FIG. 1 is a longitudinal sectional view of a high-frequency heating device according to a first embodiment of the present invention.

FIG. 2 is a horizontal sectional view of the high-frequency heating device according to the first embodiment of the present invention.

FIG. 3A is a cross-sectional view of a main part around a damper of the high-frequency heating device according to the first embodiment of the present invention. FIG. 3B is a cross-sectional view of another main part around the damper of the high-frequency heating device. Sectional view of other main parts around damper

FIG. 4 is a longitudinal sectional view of a conventional high-frequency heating device.

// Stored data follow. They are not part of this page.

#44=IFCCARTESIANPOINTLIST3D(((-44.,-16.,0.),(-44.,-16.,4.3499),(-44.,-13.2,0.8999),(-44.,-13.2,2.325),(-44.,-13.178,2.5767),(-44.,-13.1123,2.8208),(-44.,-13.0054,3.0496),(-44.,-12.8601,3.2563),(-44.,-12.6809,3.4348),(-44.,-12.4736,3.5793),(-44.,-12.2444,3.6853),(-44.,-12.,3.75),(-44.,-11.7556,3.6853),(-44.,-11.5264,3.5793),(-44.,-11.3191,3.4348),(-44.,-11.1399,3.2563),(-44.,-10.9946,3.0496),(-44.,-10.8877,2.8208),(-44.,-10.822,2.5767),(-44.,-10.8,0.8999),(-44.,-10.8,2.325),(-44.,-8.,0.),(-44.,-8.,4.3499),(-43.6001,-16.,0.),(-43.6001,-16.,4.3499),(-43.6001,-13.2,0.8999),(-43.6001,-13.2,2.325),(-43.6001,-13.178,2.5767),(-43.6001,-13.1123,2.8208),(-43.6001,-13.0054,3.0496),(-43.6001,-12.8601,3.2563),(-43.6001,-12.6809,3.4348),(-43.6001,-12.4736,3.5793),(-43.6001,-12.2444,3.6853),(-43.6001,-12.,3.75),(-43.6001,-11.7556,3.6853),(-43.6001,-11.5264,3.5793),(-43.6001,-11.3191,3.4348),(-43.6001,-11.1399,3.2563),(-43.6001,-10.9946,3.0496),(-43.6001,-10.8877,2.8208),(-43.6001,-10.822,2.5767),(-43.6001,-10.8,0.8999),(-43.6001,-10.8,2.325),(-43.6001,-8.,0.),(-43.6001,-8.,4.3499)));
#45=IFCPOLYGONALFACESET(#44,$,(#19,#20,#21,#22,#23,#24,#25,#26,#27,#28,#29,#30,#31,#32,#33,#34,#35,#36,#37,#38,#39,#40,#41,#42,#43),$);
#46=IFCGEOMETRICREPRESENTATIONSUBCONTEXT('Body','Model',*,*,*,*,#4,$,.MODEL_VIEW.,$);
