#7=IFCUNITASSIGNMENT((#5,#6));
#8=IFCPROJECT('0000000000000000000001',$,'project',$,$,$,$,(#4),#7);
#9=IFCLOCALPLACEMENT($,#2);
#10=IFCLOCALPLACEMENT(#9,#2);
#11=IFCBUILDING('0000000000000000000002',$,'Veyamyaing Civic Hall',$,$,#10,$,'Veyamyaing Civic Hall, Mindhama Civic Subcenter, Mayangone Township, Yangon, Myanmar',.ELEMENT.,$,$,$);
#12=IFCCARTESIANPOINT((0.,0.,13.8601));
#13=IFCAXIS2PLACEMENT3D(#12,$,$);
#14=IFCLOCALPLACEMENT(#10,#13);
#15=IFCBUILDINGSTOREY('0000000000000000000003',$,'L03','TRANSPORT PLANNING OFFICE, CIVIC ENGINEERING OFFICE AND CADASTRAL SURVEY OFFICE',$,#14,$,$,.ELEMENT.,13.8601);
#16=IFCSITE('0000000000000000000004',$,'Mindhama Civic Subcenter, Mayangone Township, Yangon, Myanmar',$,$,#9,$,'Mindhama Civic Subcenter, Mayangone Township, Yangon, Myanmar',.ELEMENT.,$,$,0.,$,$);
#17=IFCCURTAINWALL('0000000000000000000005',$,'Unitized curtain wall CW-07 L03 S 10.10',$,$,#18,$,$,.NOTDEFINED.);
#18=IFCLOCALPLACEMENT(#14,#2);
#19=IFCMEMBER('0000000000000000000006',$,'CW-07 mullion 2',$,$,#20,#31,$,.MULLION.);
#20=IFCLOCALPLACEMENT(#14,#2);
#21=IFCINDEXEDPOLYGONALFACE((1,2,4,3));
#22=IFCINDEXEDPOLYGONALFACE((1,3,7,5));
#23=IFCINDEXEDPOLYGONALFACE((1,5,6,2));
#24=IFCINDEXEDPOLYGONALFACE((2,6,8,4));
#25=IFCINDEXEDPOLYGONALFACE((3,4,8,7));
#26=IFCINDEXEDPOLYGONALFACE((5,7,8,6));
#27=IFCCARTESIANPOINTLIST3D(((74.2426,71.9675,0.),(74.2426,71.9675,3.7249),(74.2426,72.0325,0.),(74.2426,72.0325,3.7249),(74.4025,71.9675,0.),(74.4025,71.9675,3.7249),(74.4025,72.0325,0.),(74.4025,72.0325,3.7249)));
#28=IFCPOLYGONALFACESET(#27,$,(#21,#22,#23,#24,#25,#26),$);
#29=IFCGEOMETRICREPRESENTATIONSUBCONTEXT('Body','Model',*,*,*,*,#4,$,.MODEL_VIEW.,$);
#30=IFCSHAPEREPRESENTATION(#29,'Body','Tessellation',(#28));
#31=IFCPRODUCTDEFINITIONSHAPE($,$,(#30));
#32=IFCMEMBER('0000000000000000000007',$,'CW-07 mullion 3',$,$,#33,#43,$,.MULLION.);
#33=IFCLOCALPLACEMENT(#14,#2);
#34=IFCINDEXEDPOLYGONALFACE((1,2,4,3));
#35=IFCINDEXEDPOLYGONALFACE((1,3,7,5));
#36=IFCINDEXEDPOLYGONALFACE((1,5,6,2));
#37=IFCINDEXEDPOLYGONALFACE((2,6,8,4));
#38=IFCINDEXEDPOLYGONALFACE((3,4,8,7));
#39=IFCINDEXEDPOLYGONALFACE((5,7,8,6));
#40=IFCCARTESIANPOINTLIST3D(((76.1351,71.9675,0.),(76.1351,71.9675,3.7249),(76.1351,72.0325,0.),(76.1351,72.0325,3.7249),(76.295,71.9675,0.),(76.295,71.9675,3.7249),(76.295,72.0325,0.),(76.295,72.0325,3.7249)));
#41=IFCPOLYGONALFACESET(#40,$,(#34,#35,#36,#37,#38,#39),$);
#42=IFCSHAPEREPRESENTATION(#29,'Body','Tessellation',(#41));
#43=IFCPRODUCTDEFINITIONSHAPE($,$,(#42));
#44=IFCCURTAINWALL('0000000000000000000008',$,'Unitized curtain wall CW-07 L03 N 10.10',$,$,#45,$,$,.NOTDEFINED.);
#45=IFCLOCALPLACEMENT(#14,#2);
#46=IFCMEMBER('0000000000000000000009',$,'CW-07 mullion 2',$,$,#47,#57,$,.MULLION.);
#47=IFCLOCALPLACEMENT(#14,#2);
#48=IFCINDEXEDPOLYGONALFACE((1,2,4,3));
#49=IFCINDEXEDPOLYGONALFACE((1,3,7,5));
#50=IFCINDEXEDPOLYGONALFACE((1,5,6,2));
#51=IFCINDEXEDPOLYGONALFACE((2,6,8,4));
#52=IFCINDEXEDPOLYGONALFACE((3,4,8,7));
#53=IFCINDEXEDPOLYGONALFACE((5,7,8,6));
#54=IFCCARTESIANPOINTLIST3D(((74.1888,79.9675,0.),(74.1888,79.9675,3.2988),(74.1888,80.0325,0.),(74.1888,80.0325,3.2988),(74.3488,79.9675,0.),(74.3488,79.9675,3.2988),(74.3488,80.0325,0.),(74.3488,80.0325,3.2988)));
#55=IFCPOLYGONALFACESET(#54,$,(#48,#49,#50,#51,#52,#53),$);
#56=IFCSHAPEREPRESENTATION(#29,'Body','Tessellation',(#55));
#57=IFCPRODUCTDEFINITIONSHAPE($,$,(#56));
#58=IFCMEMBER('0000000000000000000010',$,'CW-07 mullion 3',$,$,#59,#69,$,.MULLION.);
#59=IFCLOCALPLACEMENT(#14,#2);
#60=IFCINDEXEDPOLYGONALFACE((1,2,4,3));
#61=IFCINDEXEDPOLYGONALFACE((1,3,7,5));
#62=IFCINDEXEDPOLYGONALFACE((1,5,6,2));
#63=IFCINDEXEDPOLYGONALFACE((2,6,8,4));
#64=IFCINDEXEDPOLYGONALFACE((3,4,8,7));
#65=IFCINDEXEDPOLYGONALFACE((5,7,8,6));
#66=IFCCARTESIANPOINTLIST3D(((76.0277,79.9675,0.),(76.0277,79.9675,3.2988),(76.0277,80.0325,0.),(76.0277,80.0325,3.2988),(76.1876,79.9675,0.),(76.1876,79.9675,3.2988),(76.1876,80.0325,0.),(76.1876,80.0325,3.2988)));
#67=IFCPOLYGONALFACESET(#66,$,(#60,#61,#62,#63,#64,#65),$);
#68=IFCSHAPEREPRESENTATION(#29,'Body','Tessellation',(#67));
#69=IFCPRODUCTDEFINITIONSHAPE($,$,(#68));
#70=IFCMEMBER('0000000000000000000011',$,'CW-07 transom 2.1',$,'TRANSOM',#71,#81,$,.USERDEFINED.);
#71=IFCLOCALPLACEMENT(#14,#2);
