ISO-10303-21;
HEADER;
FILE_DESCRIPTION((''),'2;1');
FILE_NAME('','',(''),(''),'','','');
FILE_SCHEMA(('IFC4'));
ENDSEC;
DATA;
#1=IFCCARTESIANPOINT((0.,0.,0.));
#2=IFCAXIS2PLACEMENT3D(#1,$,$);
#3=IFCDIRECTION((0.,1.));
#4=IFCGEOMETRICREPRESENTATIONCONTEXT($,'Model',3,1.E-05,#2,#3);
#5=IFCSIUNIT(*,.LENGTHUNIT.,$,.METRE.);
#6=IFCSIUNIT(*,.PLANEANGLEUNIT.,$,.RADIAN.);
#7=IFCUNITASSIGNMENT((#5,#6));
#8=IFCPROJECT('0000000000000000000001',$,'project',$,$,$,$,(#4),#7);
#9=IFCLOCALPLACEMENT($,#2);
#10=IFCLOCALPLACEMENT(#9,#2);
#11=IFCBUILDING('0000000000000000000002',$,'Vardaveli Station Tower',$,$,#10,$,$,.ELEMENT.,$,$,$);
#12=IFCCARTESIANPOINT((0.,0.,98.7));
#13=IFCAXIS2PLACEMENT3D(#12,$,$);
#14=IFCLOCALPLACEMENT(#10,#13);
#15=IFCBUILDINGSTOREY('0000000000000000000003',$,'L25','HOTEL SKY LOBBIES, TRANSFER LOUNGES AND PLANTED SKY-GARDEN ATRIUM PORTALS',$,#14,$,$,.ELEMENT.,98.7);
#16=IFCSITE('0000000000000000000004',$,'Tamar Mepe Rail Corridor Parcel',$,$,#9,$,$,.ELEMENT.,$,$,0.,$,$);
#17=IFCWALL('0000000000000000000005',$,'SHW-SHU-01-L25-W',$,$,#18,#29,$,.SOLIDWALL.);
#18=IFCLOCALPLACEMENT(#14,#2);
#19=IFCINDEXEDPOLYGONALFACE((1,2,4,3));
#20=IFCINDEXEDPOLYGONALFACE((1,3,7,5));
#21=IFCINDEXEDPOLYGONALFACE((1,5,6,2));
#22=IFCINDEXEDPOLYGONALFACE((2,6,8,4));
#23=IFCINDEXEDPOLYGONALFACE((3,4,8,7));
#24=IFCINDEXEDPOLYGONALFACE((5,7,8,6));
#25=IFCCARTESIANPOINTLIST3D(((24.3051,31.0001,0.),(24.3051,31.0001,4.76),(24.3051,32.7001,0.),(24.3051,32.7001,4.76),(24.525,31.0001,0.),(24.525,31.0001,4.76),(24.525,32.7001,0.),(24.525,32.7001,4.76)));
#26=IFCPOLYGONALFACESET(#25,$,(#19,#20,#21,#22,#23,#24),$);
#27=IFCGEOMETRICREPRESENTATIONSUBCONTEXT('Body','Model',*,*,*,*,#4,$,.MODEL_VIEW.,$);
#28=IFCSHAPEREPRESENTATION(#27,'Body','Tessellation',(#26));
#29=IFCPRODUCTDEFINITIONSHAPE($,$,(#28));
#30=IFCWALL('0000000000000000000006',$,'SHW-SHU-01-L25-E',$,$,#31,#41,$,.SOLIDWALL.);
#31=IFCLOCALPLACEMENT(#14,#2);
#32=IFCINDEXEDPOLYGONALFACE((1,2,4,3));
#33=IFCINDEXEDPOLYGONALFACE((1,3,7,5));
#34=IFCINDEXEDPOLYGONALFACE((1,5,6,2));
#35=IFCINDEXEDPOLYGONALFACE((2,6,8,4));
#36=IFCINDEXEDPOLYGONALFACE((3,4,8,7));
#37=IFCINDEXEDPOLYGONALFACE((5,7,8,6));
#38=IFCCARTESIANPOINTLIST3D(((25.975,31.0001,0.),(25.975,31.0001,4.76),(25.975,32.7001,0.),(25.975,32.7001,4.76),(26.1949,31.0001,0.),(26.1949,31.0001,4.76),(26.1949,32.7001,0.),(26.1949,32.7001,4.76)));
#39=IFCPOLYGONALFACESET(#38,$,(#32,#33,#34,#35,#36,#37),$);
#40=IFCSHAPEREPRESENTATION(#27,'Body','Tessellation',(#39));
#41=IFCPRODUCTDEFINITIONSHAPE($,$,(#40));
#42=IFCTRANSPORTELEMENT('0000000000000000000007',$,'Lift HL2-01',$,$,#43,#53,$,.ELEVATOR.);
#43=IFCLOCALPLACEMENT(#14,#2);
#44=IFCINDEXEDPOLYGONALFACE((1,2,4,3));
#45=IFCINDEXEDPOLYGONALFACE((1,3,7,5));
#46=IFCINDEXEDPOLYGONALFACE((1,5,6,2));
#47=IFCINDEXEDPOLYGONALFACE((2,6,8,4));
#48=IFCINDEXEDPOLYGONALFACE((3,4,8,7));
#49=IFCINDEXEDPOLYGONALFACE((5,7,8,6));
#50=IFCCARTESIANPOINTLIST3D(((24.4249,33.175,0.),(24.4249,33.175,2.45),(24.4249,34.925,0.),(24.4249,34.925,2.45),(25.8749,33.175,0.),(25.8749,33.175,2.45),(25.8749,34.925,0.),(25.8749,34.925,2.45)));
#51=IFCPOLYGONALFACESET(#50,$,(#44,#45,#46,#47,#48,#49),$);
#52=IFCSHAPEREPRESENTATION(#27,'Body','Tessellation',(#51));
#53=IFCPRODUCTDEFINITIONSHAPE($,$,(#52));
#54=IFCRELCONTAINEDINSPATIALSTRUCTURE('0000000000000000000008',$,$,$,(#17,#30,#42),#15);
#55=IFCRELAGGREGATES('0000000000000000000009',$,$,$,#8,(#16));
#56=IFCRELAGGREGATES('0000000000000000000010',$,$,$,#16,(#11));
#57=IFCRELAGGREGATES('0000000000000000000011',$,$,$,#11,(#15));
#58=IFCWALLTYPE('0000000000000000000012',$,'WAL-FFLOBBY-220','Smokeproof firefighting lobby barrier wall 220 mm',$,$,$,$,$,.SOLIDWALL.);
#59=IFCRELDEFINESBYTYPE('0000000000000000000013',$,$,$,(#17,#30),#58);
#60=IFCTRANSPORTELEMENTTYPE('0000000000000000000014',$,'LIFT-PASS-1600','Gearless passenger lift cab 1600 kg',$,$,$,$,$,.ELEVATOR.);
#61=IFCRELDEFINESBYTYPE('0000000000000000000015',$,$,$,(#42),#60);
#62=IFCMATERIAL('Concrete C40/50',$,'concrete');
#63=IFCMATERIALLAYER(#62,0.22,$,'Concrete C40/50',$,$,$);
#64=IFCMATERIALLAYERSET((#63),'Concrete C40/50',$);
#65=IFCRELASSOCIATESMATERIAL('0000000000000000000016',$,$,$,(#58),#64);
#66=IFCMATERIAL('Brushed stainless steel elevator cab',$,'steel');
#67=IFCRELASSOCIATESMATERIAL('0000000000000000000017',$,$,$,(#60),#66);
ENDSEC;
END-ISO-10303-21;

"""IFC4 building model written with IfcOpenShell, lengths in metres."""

from ifc_helpers import new_model, si_unit, direction, frame, frame_2d, origin, origin_2d, place, context, subcontext, project, spatial, rectangle, extrude, source, transform, mapped, material, layer, layer_set, type_object, element, save


model = new_model("IFC4")

# Units and contexts
model_context = context("Model", 3, precision=1e-05, world=origin(), true_north=direction((0.0, 1.0)))
body_context = subcontext(model_context, "Body", "Model", "MODEL_VIEW")
ifc_project = project(units=[si_unit("LENGTHUNIT", "METRE"), si_unit("PLANEANGLEUNIT", "RADIAN")], contexts=[model_context])

# Site, building, storey
site_placement = place(None, origin())
site = spatial("IfcSite", under=ifc_project, at=site_placement, Name="Tamar Mepe Rail Corridor Parcel", CompositionType="ELEMENT", RefElevation=0.0)
building_placement = place(site_placement, origin())
building = spatial("IfcBuilding", under=site, at=building_placement, Name="Vardaveli Station Tower", CompositionType="ELEMENT")
storey_placement = place(building_placement, frame((0.0, 0.0, 98.7)))
storey = spatial("IfcBuildingStorey", under=building, at=storey_placement, Name="L25", Description="HOTEL SKY LOBBIES, TRANSFER LOUNGES AND PLANTED SKY-GARDEN ATRIUM PORTALS", CompositionType="ELEMENT", Elevation=98.7)

# Shared definitions
ifc_material_1 = material(Name="Concrete C40/50", Category="concrete")
ifc_layer = layer(ifc_material_1, 0.22, Name="Concrete C40/50")
ifc_layer_set = layer_set([ifc_layer], Name="Concrete C40/50")
wall_type = type_object("IfcWallType", Name="WAL-FFLOBBY-220", Description="Smokeproof firefighting lobby barrier wall 220 mm", PredefinedType="SOLIDWALL", material=ifc_layer_set)

# Walls
shared_shape_1 = source(origin(), body_context, "Body", "SweptSolid", [
    extrude(rectangle(XDim=1.7, YDim=0.22, at=frame_2d((0.8501, 0.0))), origin(), (0.0, 0.0, 1.0), 4.76),
])
for number, where, z_axis, x_axis, name in (
    (1, (24.415, 31.0, 0.0), (0.0, 0.0, 1.0), (0.0, 1.0, 0.0), "SHW-SHU-01-L25-W"),
    (2, (26.085, 31.0, 0.0), (0.0, 0.0, 1.0), (0.0, 1.0, 0.0), "SHW-SHU-01-L25-E"),
):
    element("IfcWall", number, at=place(storey_placement, frame(where, z_axis=z_axis, x_axis=x_axis)), inside=storey, type_object=wall_type, Name=name, PredefinedType="SOLIDWALL", context=body_context, shape_type="MappedRepresentation", body=[
        mapped(shared_shape_1, transform((0.0, 0.0, 0.0), scale=1.0)),
    ])

# Transport element
ifc_material_2 = material(Name="Brushed stainless steel elevator cab", Category="steel")
transport_element_type = type_object("IfcTransportElementType", Name="LIFT-PASS-1600", Description="Gearless passenger lift cab 1600 kg", PredefinedType="ELEVATOR", material=ifc_material_2)
shared_shape_2 = source(origin(), body_context, "Body", "SweptSolid", [
    extrude(rectangle(XDim=1.45, YDim=1.75, at=origin_2d()), origin(), (0.0, 0.0, 1.0), 2.45),
])
transport_element_placement = place(storey_placement, frame((25.1499, 34.05, 0.0), z_axis=(0.0, 0.0, 1.0), x_axis=(1.0, 0.0, 0.0)))
element("IfcTransportElement", 3, at=transport_element_placement, inside=storey, type_object=transport_element_type, Name="Lift HL2-01", PredefinedType="ELEVATOR", context=body_context, shape_type="MappedRepresentation", body=[
    mapped(shared_shape_2, transform((0.0, 0.0, 0.0), scale=1.0)),
])

save(model, "model.ifc")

FIG. 5 is a horizontal sectional view of a conventional high-frequency heating device.

6A is a graph showing the relationship between the number of rotations of a circulating fan motor of a conventional high-frequency heating device and the power supply voltage. FIG. 6B is a graph showing the relationship between the amount of air blown out from an exhaust port of a blower guide of the conventional high-frequency heating device and the power supply voltage. Graph showing relationship

[Explanation of symbols]

 41 heating chamber 43 magnetron 55 heater 62 circulation fan motor 65 intake port 66 exhaust port 67 air guide 70 damper

Claims (1)

[Claims] 1. A heating chamber for storing an object to be heated, a high frequency generator for irradiating the heating chamber with radio waves, a heater for heating the heating chamber, and a power supply for driving the high frequency generator and the heater. A cooling fan motor for cooling the high frequency generator, the power supply unit and components in the device, and a circulating fan motor for cooling the power supply unit and components in the device,
A blower guide for circulating cooling air in the device, and the blower guide provided with an intake port and an exhaust port around the circulation fan motor; and an intake port or an exhaust port of the blower guide. A high-frequency heating device comprising a damper having a function of changing an opening area of an intake port or an exhaust port by a wind pressure generated according to a rotation speed of the circulation fan motor.